Now look. You're walking into a restaurant where you order your food standing up from bright, image-laden menus on the ceiling above you. Your host wears a maroon polo shirt and a matching visor cap. You decide whether you want the kid's meal just so you can play with the 3-inch-tall Barbie they're offering this week, and you carry your food to your table on an unbreakable brown plastic tray.
All things considered, if you've delved this far into America's fascination with early death, why would you come back to the office and look up the nutritional facts? You know you're killing yourself. There's, like, a Surgeon General's warning on the entrance isn't there?
Anyway, that being said, I too was taken aback by the day's worth of nutrients I inhaled in the ten bites it took me to finish my Angry Triple Whopper.
As you know, I'm a huge Whopper fan... in more ways than one. And whenever we try one of their new variations, B-Com insists I go super-size. I hate to see him whine and stamp his feet, so I comply. If my wife is reading this, let me make it clear that I did not order fries. That would have been suicidal, and probably was a contributing factor to the whole Time Travel episode B-Com mentioned.
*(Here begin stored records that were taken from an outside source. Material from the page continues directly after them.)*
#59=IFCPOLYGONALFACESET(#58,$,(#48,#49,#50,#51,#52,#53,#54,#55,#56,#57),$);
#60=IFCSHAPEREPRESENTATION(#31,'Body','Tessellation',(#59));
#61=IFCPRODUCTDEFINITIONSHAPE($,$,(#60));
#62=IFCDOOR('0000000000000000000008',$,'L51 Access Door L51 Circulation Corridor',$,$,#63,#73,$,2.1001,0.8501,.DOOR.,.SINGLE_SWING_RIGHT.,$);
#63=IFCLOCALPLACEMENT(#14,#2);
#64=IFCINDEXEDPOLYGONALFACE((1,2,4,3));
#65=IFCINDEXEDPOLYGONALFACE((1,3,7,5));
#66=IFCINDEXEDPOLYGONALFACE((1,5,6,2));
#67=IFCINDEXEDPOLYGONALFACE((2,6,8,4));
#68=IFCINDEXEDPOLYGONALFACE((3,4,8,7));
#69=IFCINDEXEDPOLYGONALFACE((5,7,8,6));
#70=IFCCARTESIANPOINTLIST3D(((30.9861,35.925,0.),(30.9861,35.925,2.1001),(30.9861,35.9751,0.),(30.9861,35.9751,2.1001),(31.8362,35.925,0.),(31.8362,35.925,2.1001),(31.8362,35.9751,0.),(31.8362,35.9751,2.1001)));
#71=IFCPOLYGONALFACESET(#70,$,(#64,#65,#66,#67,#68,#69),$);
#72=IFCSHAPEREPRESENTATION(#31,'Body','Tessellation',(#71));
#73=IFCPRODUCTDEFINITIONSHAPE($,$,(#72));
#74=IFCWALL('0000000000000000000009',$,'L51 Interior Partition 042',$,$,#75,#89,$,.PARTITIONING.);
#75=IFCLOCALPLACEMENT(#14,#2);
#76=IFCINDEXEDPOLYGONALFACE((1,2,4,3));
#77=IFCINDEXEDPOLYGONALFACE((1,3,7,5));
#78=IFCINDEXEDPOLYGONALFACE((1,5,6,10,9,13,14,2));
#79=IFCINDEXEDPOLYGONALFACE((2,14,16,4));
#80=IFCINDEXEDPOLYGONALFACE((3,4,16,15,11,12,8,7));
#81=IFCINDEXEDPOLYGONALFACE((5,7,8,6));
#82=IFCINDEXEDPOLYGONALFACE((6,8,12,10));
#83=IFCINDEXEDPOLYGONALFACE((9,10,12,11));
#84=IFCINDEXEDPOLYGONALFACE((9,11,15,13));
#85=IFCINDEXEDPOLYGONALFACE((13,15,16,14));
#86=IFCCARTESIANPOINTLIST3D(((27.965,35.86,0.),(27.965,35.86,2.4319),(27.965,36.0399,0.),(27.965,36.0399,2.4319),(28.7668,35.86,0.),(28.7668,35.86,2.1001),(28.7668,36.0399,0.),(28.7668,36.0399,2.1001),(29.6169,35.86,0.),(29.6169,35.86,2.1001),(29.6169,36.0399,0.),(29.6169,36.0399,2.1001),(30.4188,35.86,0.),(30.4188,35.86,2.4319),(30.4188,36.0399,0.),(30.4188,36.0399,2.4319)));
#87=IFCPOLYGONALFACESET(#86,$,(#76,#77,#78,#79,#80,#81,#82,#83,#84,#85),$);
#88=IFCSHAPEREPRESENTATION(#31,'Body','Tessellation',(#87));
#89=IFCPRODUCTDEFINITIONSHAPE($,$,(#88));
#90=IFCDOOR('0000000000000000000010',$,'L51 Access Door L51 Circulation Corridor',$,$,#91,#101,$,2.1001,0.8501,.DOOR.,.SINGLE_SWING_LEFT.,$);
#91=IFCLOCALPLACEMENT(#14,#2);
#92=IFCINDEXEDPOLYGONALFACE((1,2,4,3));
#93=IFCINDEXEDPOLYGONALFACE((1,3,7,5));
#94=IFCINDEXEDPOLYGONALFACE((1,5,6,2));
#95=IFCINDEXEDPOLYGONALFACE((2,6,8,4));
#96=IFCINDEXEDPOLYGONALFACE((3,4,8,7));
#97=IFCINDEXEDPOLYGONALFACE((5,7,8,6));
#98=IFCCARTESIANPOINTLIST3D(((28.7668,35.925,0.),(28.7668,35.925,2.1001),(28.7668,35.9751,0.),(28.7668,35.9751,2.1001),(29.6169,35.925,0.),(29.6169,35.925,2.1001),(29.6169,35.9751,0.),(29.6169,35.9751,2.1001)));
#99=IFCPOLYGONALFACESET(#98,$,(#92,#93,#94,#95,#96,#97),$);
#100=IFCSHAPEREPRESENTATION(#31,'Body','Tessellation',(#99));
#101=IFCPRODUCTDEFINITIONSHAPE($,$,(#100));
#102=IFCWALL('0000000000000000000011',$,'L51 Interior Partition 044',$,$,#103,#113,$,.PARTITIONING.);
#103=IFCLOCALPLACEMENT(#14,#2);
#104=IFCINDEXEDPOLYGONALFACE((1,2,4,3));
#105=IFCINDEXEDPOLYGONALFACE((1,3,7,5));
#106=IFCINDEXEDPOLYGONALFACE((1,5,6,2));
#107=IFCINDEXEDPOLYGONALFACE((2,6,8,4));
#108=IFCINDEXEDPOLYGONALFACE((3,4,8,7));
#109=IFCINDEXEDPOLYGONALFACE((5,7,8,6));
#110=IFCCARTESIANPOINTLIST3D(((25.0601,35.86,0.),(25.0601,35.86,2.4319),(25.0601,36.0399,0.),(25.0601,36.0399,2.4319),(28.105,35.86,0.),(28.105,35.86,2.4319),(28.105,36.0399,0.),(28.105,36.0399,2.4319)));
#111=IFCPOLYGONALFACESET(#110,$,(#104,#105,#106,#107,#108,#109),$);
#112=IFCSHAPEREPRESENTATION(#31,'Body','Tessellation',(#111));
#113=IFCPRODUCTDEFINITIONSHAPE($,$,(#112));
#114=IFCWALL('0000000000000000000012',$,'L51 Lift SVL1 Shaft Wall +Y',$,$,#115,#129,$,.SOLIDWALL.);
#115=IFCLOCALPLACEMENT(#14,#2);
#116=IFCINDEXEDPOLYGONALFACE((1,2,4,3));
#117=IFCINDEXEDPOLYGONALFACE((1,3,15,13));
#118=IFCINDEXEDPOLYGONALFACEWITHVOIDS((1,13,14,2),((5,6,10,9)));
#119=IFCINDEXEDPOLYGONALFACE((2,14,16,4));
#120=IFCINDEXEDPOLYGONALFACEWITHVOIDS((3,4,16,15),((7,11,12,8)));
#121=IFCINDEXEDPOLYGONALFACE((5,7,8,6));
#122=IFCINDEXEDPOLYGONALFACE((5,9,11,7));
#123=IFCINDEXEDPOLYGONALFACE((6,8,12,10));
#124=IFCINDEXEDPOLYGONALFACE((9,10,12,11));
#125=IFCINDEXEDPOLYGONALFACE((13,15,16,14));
I ordered the Angry Whopper just as it comes, including the jalepenos. (I am not a wuss, at least when it comes to hot things.) I thought the whole presentation was excellent. The new Angry Sauce was really tasty - a combination of sweet and spicy that brought to mind honey-mustard and Red Hot, although that may not be accurate. The crispy fried onions were a delicious touch, and the plain old Whopper goodness still showed through all that to make for a spectacular burger experience.
The only thing I would suggest is if you order it with the jalepenos, make sure the pimply-faced kid in back spreads them out evenly. Even if you're not a wuss, a bite with nine jalepeno slices in it because they were all thrown on in a pile is no fun.

TERRIFIC!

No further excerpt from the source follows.